Isn’t the performance gap between quantized and full models indicative that even if you aren’t using it directly, the model knowing the colors in the Russian flag does have something to do with the intelligence you demand?

	▲	KetoManx64 an hour ago \| parent \| next [-]
		Do quantized models specifically prune out specific knowledge? I think they just compress things down but they're still in there. You'd most likely need to do that when you're doing the initial model training, but I'm not expert.
	▲	kibwen an hour ago \| parent \| prev [-]
		Quantizing is one thing. But in general it's self-evident that training the model on information that is irrelevant to your use case does not necessarily improve ability, otherwise you'd have AGI just from reinforcing your model on memorizing the first 10^50 digits of pi. Likewise, LLMs do not violate the laws of information theory, and therefore the only way to encode X amount of information in Y amount of bits where X > Y is by performing what is effectively lossy compression, and as X grows larger relative to Y the compression ratio must change to lose ever more information. Yes, for the sake of making chatbots that are "conversational" in that they can interpret natural language as input and produce code as output you can easily benefit in incidental and unintuitive ways by training it on more natural language text. But for a given fixed parameter size, it's possible to produce a better model for a specific task by selectively not muddying its training set in the first place with things that are likely irrelevant to the task.

▲

rekttrader 2 hours ago | parent | prev | next [-]

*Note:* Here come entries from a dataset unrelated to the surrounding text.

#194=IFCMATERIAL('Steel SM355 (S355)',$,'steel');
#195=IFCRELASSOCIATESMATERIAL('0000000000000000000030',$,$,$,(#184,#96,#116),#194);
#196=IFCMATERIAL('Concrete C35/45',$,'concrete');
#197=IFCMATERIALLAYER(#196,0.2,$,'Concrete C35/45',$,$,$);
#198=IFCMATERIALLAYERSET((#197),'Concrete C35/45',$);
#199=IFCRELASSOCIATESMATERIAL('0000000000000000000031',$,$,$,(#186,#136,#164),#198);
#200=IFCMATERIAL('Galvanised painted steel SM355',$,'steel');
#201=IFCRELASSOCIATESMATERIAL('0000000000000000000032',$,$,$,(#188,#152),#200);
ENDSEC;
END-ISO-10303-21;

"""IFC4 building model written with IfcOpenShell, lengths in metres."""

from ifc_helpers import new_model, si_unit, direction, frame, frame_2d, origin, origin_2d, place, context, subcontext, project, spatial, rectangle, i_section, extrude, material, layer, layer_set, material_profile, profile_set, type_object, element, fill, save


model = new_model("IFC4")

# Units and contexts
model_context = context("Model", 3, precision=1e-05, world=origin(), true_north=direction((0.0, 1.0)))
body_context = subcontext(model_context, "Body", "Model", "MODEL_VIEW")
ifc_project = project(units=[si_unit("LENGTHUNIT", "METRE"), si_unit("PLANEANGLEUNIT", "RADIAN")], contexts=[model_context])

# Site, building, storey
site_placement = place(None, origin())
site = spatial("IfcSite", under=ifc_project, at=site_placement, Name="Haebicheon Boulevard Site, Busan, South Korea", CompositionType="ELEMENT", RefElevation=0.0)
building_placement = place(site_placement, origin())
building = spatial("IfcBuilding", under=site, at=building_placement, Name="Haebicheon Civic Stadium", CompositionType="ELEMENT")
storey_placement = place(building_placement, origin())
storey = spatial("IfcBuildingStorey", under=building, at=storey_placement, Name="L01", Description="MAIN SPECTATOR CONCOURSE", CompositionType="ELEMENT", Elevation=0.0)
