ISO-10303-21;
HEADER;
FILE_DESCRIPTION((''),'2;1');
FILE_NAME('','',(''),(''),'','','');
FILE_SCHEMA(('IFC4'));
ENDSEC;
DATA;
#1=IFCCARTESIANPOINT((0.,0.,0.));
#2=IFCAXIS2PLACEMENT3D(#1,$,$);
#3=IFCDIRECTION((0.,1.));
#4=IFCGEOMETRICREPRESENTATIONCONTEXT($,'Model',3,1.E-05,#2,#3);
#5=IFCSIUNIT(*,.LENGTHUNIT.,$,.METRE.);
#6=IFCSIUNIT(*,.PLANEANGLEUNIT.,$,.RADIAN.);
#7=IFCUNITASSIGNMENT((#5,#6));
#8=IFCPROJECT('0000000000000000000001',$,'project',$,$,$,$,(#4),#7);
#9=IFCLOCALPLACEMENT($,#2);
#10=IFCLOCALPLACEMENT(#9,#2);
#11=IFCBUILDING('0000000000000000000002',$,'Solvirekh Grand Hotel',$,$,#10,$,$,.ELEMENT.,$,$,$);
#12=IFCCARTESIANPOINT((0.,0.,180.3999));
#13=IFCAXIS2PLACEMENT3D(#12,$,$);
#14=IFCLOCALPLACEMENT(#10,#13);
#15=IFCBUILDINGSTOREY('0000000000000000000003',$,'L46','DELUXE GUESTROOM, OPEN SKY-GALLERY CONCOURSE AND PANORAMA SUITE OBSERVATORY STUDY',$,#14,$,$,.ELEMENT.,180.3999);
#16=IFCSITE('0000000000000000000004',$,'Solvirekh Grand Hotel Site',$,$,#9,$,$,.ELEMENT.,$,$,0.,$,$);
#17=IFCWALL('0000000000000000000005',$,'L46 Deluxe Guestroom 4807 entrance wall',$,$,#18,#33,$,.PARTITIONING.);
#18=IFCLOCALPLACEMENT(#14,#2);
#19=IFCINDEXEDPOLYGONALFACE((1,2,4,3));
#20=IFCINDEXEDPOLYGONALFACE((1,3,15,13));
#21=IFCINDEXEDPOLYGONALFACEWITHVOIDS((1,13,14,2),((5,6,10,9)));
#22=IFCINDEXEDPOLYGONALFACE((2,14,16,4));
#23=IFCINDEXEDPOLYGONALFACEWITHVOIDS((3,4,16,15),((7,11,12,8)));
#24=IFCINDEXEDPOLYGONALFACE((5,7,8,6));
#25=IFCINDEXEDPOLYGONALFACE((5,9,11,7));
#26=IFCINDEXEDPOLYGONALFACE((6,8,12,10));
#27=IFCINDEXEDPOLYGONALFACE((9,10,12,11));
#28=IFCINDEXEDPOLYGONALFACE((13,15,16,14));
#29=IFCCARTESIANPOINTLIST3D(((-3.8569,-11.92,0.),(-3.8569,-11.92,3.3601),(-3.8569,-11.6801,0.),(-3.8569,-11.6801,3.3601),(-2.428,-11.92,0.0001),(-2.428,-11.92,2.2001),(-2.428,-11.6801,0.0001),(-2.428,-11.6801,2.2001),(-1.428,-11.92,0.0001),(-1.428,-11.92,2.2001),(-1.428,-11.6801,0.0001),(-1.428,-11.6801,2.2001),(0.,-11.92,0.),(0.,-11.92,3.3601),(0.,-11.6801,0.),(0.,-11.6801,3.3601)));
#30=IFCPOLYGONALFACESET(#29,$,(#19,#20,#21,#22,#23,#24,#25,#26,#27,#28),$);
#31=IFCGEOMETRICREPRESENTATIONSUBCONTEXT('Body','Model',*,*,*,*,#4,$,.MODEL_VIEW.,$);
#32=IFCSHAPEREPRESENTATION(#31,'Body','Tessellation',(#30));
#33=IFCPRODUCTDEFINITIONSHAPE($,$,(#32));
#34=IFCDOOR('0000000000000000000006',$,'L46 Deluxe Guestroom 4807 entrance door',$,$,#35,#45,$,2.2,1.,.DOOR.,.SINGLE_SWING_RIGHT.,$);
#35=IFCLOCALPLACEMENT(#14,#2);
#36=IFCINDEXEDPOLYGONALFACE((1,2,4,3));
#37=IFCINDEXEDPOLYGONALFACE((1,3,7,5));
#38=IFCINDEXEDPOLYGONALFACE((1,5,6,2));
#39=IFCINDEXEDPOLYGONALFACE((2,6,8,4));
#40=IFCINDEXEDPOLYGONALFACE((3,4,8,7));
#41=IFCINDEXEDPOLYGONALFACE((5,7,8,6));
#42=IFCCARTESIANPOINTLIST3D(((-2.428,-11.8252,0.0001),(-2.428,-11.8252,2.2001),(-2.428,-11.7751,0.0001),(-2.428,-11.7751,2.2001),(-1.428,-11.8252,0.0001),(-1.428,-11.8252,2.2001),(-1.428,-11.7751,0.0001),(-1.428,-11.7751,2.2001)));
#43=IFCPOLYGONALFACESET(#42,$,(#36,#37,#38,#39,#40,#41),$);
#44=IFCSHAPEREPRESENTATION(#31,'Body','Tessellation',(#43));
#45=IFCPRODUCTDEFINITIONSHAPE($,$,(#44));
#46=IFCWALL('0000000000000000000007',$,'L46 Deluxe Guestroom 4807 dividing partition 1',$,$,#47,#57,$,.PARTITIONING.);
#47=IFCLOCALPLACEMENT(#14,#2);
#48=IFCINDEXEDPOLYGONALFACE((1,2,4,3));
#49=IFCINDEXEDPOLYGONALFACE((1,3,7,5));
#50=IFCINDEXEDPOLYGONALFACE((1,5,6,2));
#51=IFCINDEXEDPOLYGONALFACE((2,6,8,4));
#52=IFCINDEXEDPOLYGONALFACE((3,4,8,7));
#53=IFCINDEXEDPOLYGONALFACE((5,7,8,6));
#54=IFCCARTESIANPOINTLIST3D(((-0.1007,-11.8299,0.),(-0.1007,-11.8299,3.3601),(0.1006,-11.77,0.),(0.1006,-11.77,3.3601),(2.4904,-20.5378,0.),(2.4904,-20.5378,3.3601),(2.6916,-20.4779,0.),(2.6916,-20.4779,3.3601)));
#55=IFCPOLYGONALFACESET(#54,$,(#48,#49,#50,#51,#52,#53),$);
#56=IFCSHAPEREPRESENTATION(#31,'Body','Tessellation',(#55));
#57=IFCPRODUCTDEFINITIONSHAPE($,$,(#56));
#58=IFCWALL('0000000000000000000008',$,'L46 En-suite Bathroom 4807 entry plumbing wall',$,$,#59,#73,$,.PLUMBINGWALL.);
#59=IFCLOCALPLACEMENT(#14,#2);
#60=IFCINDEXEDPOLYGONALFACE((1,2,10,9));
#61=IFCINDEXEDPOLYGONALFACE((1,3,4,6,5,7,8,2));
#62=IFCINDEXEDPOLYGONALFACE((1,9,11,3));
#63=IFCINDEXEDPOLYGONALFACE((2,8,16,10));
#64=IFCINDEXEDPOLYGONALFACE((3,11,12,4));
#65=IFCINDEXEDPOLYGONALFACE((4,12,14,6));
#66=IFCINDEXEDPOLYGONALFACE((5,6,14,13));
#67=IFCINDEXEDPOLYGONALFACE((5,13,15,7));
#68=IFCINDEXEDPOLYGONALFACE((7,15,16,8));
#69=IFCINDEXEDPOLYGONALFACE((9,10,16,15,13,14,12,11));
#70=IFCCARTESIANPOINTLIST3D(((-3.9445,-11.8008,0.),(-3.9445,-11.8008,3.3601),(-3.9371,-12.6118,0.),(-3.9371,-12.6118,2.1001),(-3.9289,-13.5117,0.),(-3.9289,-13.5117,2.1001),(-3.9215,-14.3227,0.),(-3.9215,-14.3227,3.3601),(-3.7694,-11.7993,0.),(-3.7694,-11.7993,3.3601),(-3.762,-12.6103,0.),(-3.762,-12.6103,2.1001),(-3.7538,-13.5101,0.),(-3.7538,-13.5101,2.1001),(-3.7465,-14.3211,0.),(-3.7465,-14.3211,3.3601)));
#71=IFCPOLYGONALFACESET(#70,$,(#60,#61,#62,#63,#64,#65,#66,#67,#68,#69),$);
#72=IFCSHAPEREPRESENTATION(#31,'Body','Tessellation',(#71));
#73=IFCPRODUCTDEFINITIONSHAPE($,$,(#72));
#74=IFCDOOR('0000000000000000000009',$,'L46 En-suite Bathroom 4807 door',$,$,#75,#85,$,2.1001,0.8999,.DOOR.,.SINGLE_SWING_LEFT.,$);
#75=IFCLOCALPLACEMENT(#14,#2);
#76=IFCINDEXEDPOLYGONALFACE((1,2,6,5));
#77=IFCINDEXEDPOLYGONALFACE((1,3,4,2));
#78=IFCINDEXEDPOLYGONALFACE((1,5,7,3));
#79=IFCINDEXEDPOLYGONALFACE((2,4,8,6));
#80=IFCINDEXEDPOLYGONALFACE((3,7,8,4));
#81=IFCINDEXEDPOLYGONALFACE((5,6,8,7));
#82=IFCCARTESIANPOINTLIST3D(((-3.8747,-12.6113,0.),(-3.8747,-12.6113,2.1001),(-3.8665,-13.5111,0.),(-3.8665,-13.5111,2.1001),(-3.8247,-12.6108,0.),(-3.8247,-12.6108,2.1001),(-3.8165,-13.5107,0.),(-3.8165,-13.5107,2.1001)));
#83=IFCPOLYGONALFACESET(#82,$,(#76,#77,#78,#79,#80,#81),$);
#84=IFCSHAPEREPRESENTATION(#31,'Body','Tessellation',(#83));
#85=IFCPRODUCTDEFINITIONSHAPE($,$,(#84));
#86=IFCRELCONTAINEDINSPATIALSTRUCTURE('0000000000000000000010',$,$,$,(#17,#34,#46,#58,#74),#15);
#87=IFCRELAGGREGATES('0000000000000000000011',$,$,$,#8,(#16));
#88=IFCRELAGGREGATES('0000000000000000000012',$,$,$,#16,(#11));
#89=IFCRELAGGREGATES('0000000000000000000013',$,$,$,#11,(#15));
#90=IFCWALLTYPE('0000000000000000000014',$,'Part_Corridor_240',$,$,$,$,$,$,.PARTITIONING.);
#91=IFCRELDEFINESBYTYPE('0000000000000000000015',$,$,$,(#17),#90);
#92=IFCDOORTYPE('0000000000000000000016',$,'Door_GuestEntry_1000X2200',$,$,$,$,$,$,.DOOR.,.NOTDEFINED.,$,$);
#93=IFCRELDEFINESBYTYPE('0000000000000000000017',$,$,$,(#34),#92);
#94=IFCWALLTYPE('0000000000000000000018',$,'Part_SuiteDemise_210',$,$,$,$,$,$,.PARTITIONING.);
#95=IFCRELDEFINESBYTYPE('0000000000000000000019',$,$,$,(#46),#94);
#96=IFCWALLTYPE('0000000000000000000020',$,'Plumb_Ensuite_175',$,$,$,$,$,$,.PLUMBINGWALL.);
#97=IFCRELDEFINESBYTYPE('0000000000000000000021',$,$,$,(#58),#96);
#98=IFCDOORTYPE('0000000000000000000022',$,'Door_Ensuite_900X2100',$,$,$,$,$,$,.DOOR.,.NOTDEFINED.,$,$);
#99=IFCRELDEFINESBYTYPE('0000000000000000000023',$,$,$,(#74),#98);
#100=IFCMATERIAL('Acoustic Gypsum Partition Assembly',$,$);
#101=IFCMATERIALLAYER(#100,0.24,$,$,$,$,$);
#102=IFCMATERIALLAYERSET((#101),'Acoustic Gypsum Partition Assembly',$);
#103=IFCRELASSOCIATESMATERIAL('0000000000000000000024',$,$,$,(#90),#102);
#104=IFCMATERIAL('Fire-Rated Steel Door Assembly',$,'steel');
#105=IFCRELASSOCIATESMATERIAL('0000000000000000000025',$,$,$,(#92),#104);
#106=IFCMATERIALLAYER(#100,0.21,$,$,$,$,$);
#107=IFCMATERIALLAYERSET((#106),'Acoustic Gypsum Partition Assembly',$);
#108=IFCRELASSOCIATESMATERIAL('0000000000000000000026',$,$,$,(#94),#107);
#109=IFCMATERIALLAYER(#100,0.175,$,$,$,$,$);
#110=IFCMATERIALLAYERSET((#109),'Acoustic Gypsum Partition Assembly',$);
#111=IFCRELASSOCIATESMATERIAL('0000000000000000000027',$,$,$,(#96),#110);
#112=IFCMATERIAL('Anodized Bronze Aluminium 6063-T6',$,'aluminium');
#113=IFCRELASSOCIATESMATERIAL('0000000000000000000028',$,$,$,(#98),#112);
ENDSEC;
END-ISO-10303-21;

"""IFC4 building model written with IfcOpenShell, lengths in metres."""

from ifc_helpers import new_model, si_unit, direction, frame, frame_2d, origin, place, context, subcontext, project, spatial, rectangle, extrude, material, layer, layer_set, type_object, element, fill, save


model = new_model("IFC4")

# Units and contexts
model_context = context("Model", 3, precision=1e-05, world=origin(), true_north=direction((0.0, 1.0)))
body_context = subcontext(model_context, "Body", "Model", "MODEL_VIEW")
ifc_project = project(units=[si_unit("LENGTHUNIT", "METRE"), si_unit("PLANEANGLEUNIT", "RADIAN")], contexts=[model_context])

# Site, building, storey
site_placement = place(None, origin())
site = spatial("IfcSite", under=ifc_project, at=site_placement, Name="Solvirekh Grand Hotel Site", CompositionType="ELEMENT", RefElevation=0.0)
building_placement = place(site_placement, origin())
building = spatial("IfcBuilding", under=site, at=building_placement, Name="Solvirekh Grand Hotel", CompositionType="ELEMENT")
storey_placement = place(building_placement, frame((0.0, 0.0, 180.3999)))
storey = spatial("IfcBuildingStorey", under=building, at=storey_placement, Name="L46", Description="DELUXE GUESTROOM, OPEN SKY-GALLERY CONCOURSE AND PANORAMA SUITE OBSERVATORY STUDY", CompositionType="ELEMENT", Elevation=180.3999)

# Shared definitions
ifc_material_1 = material(Name="Anodized Bronze Aluminium 6063-T6", Category="aluminium")

# Wall, opening, door
ifc_material_2 = material(Name="Acoustic Gypsum Partition Assembly")
ifc_layer_1 = layer(ifc_material_2, 0.24)
ifc_layer_set_1 = layer_set([ifc_layer_1], Name="Acoustic Gypsum Partition Assembly")
wall_type_1 = type_object("IfcWallType", Name="Part_Corridor_240", PredefinedType="PARTITIONING", material=ifc_layer_set_1)
wall_1_placement = place(storey_placement, frame((-3.8569, -11.8, 0.0), z_axis=(0.0, 0.0, 1.0), x_axis=(1.0, 0.0, 0.0)))
wall_1 = element("IfcWall", 1, at=wall_1_placement, inside=storey, type_object=wall_type_1, Name="L46 Deluxe Guestroom 4807 entrance wall", PredefinedType="PARTITIONING", context=body_context, shape_type="SweptSolid", body=[
    extrude(rectangle(XDim=3.8569, YDim=0.24, at=frame_2d((1.9285, 0.0))), origin(), (0.0, 0.0, 1.0), 3.3601),
])
opening_1_placement = place(wall_1_placement, frame((1.429, 0.0, 0.0)))
opening_1 = element("IfcOpeningElement", 2, at=opening_1_placement, cuts=wall_1, PredefinedType="OPENING", context=body_context, shape_type="SweptSolid", body=[
    extrude(rectangle(XDim=1.0, YDim=2.2, at=frame_2d((0.5, 1.1001))), frame((0.0, 0.1299, 0.0), z_axis=(0.0, -1.0, 0.0), x_axis=(1.0, 0.0, 0.0)), (0.0, 0.0, 1.0), 0.26),
])
ifc_material_3 = material(Name="Fire-Rated Steel Door Assembly", Category="steel")
door_type_1 = type_object("IfcDoorType", Name="Door_GuestEntry_1000X2200", OperationType="NOTDEFINED", PredefinedType="DOOR", material=ifc_material_3)
door_1_placement = place(opening_1_placement, origin())
door_1 = element("IfcDoor", 3, at=door_1_placement, inside=storey, type_object=door_type_1, Name="L46 Deluxe Guestroom 4807 entrance door", OperationType="SINGLE_SWING_RIGHT", OverallHeight=2.2, OverallWidth=1.0, PredefinedType="DOOR", context=body_context, shape_type="SweptSolid", body=[
    extrude(rectangle(XDim=1.0, YDim=2.2, at=frame_2d((0.5, 1.1001))), frame((0.0, 0.0249, 0.0), z_axis=(0.0, -1.0, 0.0), x_axis=(1.0, 0.0, 0.0)), (0.0, 0.0, 1.0), 0.05),
])
fill(opening_1, door_1)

Or you have data that HIPAA, GDPR, PII, or have to care about the concern of others training on your data.

	▲	dakolli 2 hours ago \| parent [-]
		That too.

▲

wonnage an hour ago | parent | prev | next [-]

Yeah, the neoclouds and hyperscalers are taking massive losses right now, self hosting is basically signing yourself up to do the same. There are philosophical reasons to do so but it’s a terrible economic decision

▲

dist-epoch 2 hours ago | parent | prev [-]

> 50tps for a decade

assuming demand doesn't keep on increasing. even google has trouble having enough capacity apparently.